# Questions about Enlightenment porting



## vertexSymphony (Jan 2, 2013)

Hi people !
I recently did some changes in my system and wanted to go something more lightweight than KDE (what I normally use) but without losing some aesthetics, so I went with E17.

I saw some widgets not behaving nice (cpufreq, mixer, temperature, and such) and thought that it could be a good excuse to poke some code and possibly have some experience developing under FreeBSD and contributing.

Regarding cpu frequency I always solved my problems (in scripts) with the sysctl's under the dev.cpu "tree", is this a correct way of doing it? this goes along same lines with temperature information which also resides under that sysctl tree.

Thanks for your time and pointers !!

Regards


----------



## cpm@ (Jan 3, 2013)

Yes, its correct. If you want monitoring CPU temperature just run
`# sysctl -n dev.cpu.0.temperature`
where 0 is the specified core to show.


----------



## shepper (Jan 3, 2013)

Enlightenment just went through some heavy development culminating in a stable release at the end of December.  I'm running the stable release in Slackware and I'm impressed.

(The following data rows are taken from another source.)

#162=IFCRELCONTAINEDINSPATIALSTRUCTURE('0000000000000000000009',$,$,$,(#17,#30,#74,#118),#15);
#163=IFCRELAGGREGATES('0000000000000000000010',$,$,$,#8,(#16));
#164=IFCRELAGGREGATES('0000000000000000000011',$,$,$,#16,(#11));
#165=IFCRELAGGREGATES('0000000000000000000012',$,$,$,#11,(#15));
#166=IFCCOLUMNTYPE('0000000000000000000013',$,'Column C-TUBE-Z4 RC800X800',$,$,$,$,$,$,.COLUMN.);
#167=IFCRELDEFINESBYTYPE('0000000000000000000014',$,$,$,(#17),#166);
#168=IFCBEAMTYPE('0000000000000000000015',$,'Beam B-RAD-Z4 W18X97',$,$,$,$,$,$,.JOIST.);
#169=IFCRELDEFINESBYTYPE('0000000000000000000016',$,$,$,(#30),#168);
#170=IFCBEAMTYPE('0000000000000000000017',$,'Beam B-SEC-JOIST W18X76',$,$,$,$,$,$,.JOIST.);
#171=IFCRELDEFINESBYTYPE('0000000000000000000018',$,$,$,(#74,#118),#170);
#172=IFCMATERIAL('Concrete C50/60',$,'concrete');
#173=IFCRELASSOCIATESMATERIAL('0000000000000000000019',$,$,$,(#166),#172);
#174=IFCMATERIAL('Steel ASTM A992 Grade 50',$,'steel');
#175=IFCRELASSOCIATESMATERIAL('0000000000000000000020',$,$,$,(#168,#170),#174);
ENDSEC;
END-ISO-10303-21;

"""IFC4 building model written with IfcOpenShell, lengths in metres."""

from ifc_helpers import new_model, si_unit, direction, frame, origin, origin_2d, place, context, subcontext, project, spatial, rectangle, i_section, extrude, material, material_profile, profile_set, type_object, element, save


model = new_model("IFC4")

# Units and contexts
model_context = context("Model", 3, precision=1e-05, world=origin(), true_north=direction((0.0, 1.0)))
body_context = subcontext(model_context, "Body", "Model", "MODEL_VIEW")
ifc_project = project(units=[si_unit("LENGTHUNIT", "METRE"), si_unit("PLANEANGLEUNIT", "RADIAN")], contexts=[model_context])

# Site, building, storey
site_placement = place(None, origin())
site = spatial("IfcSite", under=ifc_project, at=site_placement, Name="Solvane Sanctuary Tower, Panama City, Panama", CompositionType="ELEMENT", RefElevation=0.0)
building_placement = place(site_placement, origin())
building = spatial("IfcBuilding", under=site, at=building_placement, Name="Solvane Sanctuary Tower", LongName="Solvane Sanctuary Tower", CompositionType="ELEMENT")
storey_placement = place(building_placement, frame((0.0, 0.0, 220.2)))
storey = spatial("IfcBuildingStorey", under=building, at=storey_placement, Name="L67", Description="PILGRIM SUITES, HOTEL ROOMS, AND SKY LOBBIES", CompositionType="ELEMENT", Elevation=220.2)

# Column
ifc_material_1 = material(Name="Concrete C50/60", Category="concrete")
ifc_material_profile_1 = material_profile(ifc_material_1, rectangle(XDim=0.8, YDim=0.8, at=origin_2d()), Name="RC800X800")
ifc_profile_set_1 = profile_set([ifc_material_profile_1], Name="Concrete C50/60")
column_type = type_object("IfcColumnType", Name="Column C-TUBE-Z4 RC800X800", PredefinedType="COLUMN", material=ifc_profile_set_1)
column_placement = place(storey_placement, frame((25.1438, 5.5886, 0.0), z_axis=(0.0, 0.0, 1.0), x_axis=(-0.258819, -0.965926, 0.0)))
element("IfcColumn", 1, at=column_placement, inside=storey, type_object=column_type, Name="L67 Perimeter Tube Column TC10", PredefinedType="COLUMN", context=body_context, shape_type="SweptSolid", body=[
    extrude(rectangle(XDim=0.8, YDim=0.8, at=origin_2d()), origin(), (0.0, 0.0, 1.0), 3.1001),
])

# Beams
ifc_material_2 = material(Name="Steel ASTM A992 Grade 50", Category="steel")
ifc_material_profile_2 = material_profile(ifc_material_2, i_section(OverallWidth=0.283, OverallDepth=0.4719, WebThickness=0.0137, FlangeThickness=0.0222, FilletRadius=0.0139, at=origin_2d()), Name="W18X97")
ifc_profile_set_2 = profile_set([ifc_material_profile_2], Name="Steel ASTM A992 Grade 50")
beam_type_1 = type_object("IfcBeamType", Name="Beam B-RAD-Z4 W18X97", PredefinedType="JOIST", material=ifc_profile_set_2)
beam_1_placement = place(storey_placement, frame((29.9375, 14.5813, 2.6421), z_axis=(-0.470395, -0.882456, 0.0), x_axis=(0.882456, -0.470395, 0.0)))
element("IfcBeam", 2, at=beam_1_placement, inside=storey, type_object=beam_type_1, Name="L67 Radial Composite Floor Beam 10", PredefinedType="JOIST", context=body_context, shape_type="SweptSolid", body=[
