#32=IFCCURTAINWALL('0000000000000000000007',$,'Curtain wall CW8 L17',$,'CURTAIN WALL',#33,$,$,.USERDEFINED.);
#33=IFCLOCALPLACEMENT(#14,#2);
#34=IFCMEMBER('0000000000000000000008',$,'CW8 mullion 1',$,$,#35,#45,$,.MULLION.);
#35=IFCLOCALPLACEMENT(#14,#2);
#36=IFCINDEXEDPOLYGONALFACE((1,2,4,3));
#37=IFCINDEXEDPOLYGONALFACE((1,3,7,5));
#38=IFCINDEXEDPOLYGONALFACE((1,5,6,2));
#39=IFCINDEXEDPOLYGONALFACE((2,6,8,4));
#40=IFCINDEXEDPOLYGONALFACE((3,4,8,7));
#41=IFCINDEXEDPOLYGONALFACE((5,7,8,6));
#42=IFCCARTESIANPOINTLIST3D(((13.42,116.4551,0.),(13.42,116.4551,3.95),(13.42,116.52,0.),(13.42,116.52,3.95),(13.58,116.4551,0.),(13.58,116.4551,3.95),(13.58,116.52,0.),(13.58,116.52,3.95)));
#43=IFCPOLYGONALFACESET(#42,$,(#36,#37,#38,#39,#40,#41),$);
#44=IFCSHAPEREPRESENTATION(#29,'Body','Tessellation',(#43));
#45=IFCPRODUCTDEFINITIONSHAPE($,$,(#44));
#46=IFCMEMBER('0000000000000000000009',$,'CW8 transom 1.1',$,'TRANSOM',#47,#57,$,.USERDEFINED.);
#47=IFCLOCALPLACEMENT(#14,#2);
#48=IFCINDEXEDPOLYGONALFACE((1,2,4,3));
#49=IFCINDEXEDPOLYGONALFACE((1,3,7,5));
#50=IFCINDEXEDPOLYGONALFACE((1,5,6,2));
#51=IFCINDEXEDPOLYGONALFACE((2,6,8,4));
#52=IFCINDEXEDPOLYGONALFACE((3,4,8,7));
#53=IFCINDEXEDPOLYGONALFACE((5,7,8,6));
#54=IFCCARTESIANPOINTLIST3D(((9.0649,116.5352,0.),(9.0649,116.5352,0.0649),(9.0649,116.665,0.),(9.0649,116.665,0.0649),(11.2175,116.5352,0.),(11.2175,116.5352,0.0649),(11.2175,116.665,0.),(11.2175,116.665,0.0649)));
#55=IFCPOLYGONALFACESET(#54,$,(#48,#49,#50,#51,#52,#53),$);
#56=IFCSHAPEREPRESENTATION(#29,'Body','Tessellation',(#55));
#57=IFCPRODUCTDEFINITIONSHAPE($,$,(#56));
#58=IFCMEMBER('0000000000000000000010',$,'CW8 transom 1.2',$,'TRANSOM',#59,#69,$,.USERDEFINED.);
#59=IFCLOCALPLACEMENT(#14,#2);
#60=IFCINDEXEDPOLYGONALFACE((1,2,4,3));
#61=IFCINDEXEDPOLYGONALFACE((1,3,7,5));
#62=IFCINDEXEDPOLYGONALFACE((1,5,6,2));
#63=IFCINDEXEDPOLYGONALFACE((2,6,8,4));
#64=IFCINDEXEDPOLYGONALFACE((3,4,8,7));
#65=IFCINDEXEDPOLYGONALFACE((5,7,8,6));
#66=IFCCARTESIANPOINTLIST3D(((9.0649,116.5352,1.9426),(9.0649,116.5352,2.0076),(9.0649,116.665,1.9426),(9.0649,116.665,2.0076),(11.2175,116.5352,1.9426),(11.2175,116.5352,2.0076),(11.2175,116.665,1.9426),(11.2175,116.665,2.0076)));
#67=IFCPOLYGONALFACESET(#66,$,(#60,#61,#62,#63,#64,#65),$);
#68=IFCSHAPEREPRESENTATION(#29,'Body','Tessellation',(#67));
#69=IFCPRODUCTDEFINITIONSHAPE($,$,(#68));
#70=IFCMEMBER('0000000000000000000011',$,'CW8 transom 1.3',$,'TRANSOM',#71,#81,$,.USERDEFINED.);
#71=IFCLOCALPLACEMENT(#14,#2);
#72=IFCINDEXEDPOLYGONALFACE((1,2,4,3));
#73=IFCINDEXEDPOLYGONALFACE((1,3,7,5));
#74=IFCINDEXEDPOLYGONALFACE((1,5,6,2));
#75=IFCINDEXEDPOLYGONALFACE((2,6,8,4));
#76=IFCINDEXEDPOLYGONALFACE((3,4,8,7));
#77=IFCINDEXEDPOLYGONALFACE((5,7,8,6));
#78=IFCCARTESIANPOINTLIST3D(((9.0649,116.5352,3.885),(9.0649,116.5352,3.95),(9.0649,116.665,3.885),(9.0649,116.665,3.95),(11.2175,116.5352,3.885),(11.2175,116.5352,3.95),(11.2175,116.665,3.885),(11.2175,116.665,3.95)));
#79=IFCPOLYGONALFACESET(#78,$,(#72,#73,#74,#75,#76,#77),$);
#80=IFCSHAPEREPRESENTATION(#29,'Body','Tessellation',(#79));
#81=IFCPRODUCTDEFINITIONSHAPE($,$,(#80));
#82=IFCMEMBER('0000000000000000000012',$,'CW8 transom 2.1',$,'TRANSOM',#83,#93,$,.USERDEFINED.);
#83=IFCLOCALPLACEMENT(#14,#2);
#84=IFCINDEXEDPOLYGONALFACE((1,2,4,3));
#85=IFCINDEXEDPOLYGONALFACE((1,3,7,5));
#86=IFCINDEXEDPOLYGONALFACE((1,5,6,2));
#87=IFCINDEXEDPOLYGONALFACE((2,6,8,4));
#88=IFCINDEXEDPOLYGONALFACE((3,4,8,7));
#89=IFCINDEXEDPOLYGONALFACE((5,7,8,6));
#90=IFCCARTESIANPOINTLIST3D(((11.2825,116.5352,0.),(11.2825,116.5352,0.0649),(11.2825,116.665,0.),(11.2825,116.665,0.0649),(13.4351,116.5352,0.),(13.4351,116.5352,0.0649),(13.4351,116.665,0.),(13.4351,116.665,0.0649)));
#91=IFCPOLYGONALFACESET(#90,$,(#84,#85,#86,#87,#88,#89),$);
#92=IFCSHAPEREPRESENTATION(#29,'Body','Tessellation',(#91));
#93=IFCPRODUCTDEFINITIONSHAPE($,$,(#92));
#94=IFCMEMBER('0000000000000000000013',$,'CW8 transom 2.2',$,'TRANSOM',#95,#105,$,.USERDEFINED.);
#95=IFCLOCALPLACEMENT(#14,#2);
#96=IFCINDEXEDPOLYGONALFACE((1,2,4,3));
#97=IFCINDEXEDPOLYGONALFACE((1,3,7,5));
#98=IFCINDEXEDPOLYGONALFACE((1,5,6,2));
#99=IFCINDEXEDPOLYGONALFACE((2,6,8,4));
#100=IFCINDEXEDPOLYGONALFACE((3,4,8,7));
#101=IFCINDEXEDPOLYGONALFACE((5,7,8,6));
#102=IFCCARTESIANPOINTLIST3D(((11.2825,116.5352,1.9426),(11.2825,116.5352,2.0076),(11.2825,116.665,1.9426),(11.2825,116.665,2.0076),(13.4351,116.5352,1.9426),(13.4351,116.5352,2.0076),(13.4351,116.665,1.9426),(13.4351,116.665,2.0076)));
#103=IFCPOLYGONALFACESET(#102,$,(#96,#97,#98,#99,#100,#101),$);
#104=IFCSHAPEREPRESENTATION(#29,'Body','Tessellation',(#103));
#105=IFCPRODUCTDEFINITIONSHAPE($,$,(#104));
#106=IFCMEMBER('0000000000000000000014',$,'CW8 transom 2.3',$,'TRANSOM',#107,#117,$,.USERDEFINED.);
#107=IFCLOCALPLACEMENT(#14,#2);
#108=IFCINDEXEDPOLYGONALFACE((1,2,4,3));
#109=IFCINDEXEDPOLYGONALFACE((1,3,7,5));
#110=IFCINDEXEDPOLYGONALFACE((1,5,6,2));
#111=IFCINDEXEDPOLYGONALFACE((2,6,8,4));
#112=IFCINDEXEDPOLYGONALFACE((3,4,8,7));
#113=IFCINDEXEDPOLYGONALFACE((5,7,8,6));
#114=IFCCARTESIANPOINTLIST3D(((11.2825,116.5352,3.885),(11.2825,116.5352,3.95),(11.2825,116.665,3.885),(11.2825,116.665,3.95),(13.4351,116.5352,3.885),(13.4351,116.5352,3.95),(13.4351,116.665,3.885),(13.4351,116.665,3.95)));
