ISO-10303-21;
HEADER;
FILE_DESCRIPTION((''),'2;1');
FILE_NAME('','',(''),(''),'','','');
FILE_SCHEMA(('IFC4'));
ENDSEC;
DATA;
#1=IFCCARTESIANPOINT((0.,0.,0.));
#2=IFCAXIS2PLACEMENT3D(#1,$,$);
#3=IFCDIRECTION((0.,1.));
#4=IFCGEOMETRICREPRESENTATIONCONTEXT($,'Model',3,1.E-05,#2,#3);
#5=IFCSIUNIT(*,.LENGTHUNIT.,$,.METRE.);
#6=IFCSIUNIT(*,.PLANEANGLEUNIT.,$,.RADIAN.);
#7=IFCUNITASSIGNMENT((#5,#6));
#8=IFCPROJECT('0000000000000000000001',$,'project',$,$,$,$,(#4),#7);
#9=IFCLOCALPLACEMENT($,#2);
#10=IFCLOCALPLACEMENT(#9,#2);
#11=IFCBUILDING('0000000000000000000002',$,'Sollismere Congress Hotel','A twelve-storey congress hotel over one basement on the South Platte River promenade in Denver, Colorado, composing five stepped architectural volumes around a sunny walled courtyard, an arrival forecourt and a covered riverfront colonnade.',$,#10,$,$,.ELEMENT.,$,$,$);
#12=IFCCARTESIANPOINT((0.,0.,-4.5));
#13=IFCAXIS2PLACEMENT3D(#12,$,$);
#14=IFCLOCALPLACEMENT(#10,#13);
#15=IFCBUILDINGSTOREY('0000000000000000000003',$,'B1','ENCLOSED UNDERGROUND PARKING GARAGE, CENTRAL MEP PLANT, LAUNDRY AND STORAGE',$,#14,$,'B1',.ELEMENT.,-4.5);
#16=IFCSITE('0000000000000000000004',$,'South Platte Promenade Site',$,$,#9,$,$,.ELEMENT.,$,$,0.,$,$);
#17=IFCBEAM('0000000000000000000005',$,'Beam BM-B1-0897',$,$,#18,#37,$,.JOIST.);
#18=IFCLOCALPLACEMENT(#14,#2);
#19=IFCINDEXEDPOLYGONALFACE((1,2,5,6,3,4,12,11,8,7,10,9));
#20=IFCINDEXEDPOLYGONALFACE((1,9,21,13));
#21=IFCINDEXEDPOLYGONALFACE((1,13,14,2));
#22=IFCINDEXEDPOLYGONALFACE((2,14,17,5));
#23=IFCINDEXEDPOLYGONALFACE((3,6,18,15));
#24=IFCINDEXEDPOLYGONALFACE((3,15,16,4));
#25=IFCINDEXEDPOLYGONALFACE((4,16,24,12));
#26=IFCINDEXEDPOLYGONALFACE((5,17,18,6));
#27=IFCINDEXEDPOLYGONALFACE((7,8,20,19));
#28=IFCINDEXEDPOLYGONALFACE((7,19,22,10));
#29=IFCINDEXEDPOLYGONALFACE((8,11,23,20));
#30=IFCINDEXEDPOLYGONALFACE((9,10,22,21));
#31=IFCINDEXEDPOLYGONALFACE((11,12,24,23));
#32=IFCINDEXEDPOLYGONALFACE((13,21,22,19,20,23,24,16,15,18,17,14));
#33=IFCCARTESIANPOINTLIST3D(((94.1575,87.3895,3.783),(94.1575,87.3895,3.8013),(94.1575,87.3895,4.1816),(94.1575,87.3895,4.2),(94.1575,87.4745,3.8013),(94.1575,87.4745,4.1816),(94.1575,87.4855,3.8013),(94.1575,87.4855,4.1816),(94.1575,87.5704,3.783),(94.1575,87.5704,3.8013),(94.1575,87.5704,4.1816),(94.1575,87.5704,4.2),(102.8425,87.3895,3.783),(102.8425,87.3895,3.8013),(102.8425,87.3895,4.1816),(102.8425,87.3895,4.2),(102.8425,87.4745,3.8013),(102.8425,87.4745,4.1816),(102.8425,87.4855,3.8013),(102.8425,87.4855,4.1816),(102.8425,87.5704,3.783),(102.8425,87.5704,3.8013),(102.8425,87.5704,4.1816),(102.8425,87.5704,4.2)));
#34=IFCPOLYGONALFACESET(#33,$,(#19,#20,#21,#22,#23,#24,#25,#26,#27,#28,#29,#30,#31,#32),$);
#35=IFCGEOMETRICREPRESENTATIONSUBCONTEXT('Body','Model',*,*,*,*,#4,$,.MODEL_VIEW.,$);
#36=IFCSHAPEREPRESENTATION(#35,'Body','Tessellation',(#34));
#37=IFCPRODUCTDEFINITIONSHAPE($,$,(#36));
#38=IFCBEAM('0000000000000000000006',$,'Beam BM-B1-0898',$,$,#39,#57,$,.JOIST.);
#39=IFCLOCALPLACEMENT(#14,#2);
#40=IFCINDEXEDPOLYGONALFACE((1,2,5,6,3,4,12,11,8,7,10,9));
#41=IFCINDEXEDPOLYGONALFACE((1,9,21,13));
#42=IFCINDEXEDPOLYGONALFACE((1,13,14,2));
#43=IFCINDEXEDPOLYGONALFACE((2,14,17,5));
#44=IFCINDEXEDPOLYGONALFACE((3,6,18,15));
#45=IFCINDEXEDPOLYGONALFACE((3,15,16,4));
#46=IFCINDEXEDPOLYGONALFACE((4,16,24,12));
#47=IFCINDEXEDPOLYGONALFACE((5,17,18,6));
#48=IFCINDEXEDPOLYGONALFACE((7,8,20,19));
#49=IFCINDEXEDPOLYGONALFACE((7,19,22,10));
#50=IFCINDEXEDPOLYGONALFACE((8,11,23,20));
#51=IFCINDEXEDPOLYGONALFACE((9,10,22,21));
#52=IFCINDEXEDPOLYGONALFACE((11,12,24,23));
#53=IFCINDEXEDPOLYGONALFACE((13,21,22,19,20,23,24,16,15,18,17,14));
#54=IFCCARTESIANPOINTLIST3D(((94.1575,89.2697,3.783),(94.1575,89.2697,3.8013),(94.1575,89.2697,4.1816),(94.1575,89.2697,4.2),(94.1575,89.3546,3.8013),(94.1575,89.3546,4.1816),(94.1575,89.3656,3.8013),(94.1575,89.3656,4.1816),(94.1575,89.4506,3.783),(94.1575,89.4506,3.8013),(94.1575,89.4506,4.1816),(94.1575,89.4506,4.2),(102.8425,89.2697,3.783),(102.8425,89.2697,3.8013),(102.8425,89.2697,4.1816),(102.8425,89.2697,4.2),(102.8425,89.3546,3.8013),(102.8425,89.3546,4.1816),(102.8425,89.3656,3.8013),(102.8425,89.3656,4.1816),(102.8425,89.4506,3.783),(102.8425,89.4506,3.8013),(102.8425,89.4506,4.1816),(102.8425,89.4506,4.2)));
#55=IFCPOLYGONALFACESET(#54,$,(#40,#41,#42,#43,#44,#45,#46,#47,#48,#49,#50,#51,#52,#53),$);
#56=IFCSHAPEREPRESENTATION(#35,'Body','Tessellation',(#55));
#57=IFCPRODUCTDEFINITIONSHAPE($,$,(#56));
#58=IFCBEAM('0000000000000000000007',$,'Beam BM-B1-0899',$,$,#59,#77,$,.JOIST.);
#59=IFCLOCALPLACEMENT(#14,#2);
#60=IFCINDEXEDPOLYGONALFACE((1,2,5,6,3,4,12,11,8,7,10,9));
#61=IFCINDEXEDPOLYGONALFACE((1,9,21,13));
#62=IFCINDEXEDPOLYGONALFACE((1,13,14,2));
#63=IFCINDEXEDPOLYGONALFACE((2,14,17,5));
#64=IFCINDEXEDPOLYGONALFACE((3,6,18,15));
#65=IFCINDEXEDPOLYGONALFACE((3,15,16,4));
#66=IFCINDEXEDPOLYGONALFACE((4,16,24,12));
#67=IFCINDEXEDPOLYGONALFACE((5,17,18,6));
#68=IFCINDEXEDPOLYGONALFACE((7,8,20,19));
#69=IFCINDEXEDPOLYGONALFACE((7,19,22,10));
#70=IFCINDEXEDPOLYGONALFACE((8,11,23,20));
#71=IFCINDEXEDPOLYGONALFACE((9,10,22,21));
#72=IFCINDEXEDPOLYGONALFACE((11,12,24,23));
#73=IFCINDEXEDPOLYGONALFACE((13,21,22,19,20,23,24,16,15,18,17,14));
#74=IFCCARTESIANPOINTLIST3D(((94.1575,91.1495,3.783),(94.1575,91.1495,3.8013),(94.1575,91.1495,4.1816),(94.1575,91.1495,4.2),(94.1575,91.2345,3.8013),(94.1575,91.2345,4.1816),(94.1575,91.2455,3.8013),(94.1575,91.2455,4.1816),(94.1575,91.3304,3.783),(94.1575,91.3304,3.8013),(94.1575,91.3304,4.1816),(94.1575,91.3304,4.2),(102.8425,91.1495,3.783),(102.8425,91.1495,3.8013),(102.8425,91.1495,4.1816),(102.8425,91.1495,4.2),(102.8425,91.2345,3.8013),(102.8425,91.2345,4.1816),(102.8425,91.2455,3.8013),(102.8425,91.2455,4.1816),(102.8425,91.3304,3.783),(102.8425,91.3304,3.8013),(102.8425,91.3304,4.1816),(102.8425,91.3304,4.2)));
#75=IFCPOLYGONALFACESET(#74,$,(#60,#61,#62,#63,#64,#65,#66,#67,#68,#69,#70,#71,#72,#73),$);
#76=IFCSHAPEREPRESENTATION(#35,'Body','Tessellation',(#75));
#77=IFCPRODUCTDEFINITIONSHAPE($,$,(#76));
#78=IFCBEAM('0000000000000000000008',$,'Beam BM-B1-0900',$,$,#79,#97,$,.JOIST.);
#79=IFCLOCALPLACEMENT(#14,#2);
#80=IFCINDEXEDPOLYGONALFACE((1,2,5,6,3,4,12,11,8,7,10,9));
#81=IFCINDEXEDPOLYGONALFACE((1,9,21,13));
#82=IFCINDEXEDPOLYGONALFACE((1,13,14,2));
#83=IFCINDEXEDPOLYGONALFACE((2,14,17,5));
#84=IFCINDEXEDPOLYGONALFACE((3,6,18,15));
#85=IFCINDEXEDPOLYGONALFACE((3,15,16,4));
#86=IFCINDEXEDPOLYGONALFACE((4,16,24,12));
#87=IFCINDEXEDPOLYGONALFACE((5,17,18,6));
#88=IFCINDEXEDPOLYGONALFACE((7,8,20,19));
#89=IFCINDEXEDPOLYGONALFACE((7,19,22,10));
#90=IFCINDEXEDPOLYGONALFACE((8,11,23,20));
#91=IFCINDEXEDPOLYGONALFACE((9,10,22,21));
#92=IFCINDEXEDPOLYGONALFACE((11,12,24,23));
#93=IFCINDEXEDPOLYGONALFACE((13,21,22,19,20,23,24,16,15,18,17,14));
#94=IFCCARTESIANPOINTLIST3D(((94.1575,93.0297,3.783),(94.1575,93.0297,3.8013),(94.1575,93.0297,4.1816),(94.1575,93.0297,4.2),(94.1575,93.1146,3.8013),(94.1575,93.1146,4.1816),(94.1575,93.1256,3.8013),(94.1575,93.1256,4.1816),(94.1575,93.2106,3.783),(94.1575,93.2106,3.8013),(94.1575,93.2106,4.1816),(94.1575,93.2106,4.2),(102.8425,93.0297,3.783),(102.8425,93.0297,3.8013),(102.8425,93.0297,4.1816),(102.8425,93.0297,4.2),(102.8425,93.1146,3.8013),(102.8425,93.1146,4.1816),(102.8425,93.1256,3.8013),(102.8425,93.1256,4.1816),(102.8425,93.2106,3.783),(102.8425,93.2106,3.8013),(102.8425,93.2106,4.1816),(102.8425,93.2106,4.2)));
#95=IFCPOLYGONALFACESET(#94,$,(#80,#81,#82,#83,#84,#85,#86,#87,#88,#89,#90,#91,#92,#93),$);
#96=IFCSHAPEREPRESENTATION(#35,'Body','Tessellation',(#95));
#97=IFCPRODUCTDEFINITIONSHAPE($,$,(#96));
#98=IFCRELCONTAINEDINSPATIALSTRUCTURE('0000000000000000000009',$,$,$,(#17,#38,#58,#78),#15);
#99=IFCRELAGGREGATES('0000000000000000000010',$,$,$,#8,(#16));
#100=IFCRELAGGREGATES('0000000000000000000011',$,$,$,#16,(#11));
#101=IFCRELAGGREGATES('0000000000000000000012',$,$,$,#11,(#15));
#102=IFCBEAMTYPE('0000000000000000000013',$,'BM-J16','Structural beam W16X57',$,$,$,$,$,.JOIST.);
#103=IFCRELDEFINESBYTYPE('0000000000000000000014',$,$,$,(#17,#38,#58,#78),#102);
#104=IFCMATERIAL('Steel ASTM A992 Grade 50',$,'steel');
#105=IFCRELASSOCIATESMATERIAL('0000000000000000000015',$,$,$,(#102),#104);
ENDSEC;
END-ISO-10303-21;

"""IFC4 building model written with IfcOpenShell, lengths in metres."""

from ifc_helpers import new_model, si_unit, direction, frame, origin, origin_2d, place, context, subcontext, project, spatial, i_section, extrude, material, material_profile, profile_set, type_object, element, save


model = new_model("IFC4")

# Units and contexts
model_context = context("Model", 3, precision=1e-05, world=origin(), true_north=direction((0.0, 1.0)))
body_context = subcontext(model_context, "Body", "Model", "MODEL_VIEW")
ifc_project = project(units=[si_unit("LENGTHUNIT", "METRE"), si_unit("PLANEANGLEUNIT", "RADIAN")], contexts=[model_context])

# Site, building, storey
site_placement = place(None, origin())
site = spatial("IfcSite", under=ifc_project, at=site_placement, Name="South Platte Promenade Site", CompositionType="ELEMENT", RefElevation=0.0)
building_placement = place(site_placement, origin())
building = spatial("IfcBuilding", under=site, at=building_placement, Name="Sollismere Congress Hotel", Description="A twelve-storey congress hotel over one basement on the South Platte River promenade in Denver, Colorado, composing five stepped architectural volumes around a sunny walled courtyard, an arrival forecourt and a covered riverfront colonnade.", CompositionType="ELEMENT")
storey_placement = place(building_placement, frame((0.0, 0.0, -4.5)))
storey = spatial("IfcBuildingStorey", under=building, at=storey_placement, Name="B1", Description="ENCLOSED UNDERGROUND PARKING GARAGE, CENTRAL MEP PLANT, LAUNDRY AND STORAGE", LongName="B1", CompositionType="ELEMENT", Elevation=-4.5)

# Beams
ifc_material_1 = material(Name="Steel ASTM A992 Grade 50", Category="steel")
ifc_material_profile_1 = material_profile(ifc_material_1, i_section(OverallWidth=0.1809, OverallDepth=0.417, WebThickness=0.011, FlangeThickness=0.0183, at=origin_2d()), Name="W16X57")
ifc_profile_set_1 = profile_set([ifc_material_profile_1], Name="Steel ASTM A992 Grade 50")
beam_type_1 = type_object("IfcBeamType", Name="BM-J16", Description="Structural beam W16X57", PredefinedType="JOIST", material=ifc_profile_set_1)
for number, where, z_axis, x_axis, name in (
    (1, (94.1575, 87.48, 3.9915), (1.0, 0.0, 0.0), (0.0, 1.0, 0.0), "Beam BM-B1-0897"),
    (2, (94.1575, 89.3601, 3.9915), (1.0, 0.0, 0.0), (0.0, 1.0, 0.0), "Beam BM-B1-0898"),
    (3, (94.1575, 91.24, 3.9915), (1.0, 0.0, 0.0), (0.0, 1.0, 0.0), "Beam BM-B1-0899"),
    (4, (94.1575, 93.1201, 3.9915), (1.0, 0.0, 0.0), (0.0, 1.0, 0.0), "Beam BM-B1-0900"),
):
    element("IfcBeam", number, at=place(storey_placement, frame(where, z_axis=z_axis, x_axis=x_axis)), inside=storey, type_object=beam_type_1, Name=name, PredefinedType="JOIST", context=body_context, shape_type="SweptSolid", body=[
        extrude(i_section(OverallWidth=0.1809, OverallDepth=0.417, WebThickness=0.011, FlangeThickness=0.0183, at=origin_2d()), origin(), (0.0, 0.0, 1.0), 8.6851),
    ])

save(model, "model.ifc")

When I tried earlier snapshot builds there were alot of things that did not work.  Unless you built e17 from current ports it is likely that your desktop is based on pre-release source code and failure to get all the features working may not accurately represent the desktop environment.  In Slackware I have only run into one minor quirk - it utilizes pam which is not included in the base Slackware release.  If you use the XDM login in manager, when you log out of e17 in Slackware, XDM does not restart. My understanding is that pam is available in FreeBSD.


----------



## vertexSymphony (Jan 3, 2013)

@shepper > I installed from ports a couple of days ago (compiled with base gcc, because clang - which is the CC on CURRENT - emits something that causes runtime misbehavior around evas ), and this is a fresh run with no old configs of release e17.

I had these applets/modules enabled by default and they simply don't work: cpufreq, mixer, keyboard (layout) and temperature

Well, as soon as I finish setting this up and restore some backups, I'll dig it up.

@cpu82 > Yep, that's how I read it in my scripts (and I also check for freq, as I have powerd running), but I wanted to ask just to know if there's a specific facility instead of sysctl and if such facility would be a better solution (for example, I can get zfs information through sysctl, but there's a dedicated library for dealing with zfs and using that from C code seems more appropriate  )

Regards.


----------



## cpm@ (Jan 4, 2013)

Try sysutils/zfs-stats to displays general ZFS information and human-readable ZFS statistics about the following subsystems: ARC, L2ARC, zfetch (DMU) and vdev cache.

*zfs-stats*: analyzes settings and counters since boot.
*zfs-mon*: real-time statistics with averages.

This data can help to make tuning decisions.

Take a look at the collectd mailing list, e.g. simple sysctl plugin.


----------



## vertexSymphony (Jan 5, 2013)

Well, I took a look at the code and It's actually implemented, here it doesn't work because of this:

* cpufreq module actually looks for dev.cpu.X.freq, but it's unable to "work" because it lacks privileges.
* temperature module looks into the hw.acpi.thermal.X.temperature sysctl, which is unexistant in my system; that's because I use amdtemp, which exposes the data through dev.amdtemp and dev.cpu.
* mixer is actually implemented, but for alsa and pulseaudio (so, if that's running, it may work), no OSS

I'll poke with it, but unfortunately e17 hangs at initializing =/ 
it doesn't happen if I make suid enlightenment_start (without this, it complains about not being to assume root privileges), but that's not a solution, it's a workaround that causes other problems (like runner not being able to lauch certain apps. and such), noticed that   enlightenment_sys is not suid and afaik it should.

enlightenment used to work so well .... *sigh*

Regards.

P.S > ty, but the thing about ZFS was an example about getting data from different places and how suitable is each place; Oh, in fact I use zfs-stats


----------



## shepper (Jan 6, 2013)

I tried the e17 packages in OpenBSD current and had the same problems with CPU, temp and the mixer.

I did find a FreeBSD patch for the mixer.  I noticed that the patch is over 6 weeks old and did not make it into the final release.  OpenBSD has a pulseaudio package that the gnome maintainer came up with (?out of necessity?) that may be worth trying.


----------